Forum Discussion
Altera_Forum
Honored Contributor
13 years agoYou need to do some thoughput analysis. I'm not sure you'll actually manage to transfer data at that rate (seems high!) - and then manage to process it somewhere before the next frame arrives.
Thinks: 4MB at 30fps is 120MB/s - about gigabit ethernet speed. Or, if you have a 120MHz clock (you won't run an fpga much faster), 1 clock per byte, or 4 clocks per 32bit word. And that is a frame average, you probably need to worry about the slightly higher mid-line pixel clock. The first thing to realise is that PCIe isn't really a bus protocol (like PCI) but much more like a communications protocol using HDLC frames. A large PCIe write is split into multiple requests each of typically (but negotiated) 128 bytes, a small number of which can be outstanding at any one time. When the target has actually written the data it sends an ack packet back the the originator - which then knows that the transfer has completed and can send the next fragment. (Actually it is a bit more complex than that!) All the state engine work (etc) slows it all down way below the nominal speed of the PCIe link itself.

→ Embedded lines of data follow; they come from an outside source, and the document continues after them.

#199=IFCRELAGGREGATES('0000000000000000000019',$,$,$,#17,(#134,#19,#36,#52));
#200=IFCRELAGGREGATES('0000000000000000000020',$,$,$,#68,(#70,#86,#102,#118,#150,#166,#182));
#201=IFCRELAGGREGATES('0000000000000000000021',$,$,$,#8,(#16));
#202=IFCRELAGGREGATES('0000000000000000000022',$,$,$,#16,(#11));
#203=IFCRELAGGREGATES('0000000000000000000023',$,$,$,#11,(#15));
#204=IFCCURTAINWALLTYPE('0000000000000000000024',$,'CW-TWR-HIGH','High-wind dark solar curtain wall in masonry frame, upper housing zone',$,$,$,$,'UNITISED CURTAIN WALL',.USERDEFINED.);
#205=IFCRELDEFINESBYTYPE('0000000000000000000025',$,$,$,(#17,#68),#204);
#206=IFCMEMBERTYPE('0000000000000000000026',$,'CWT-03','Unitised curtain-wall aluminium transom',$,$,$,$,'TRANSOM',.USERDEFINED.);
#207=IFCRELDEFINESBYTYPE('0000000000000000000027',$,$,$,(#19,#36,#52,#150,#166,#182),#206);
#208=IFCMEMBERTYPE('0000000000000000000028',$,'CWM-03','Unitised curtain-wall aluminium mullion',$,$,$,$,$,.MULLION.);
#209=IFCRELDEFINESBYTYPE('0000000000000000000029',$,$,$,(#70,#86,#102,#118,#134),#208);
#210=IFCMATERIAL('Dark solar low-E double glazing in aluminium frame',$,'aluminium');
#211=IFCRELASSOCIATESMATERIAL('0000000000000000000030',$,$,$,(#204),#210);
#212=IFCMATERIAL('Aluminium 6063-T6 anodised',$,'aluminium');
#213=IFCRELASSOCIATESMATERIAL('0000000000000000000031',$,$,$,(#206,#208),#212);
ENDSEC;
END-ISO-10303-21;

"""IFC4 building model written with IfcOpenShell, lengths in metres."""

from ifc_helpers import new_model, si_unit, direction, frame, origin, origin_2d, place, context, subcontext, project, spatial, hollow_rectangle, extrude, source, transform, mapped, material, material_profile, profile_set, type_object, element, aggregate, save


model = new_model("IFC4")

I don't know exactly how the Avalon PCIe master side works - we've only used the slave (master is a small ppc). In order to generate a long PCIe request, the initiating PCIe block needs to know that its user (the DMA block in you case) is going to request another cycle, for writes it could be bufferring data until the avalon burst ends (reads are much more tricky). Once it has decided it has enough data for a PCIe transfer, the PCIe transfer can be initiated. It can then look for more data for the next tranfser. Somewhere there needs to be a FIFO - to guarantee that the PCIe block can be fed data every clock (for whichever clock is relevant!). I think this all means that the DMA transfer length can be much larger than 512 bytes, but you may need add some kind of fifo between the video source and the PCIe. Possibly writing each vidoe line to alternate memory blocks (4k each ?) and transfering each in turn. (You might need 4 blocks to hangle jitter...) Some of this would all be easier if there was a dma engine inside the PCIe block (which would take a PCIe address as its target), rather than the PCIe block being an Avalon slave and mapping ranges of Avalon address space to PCIe space.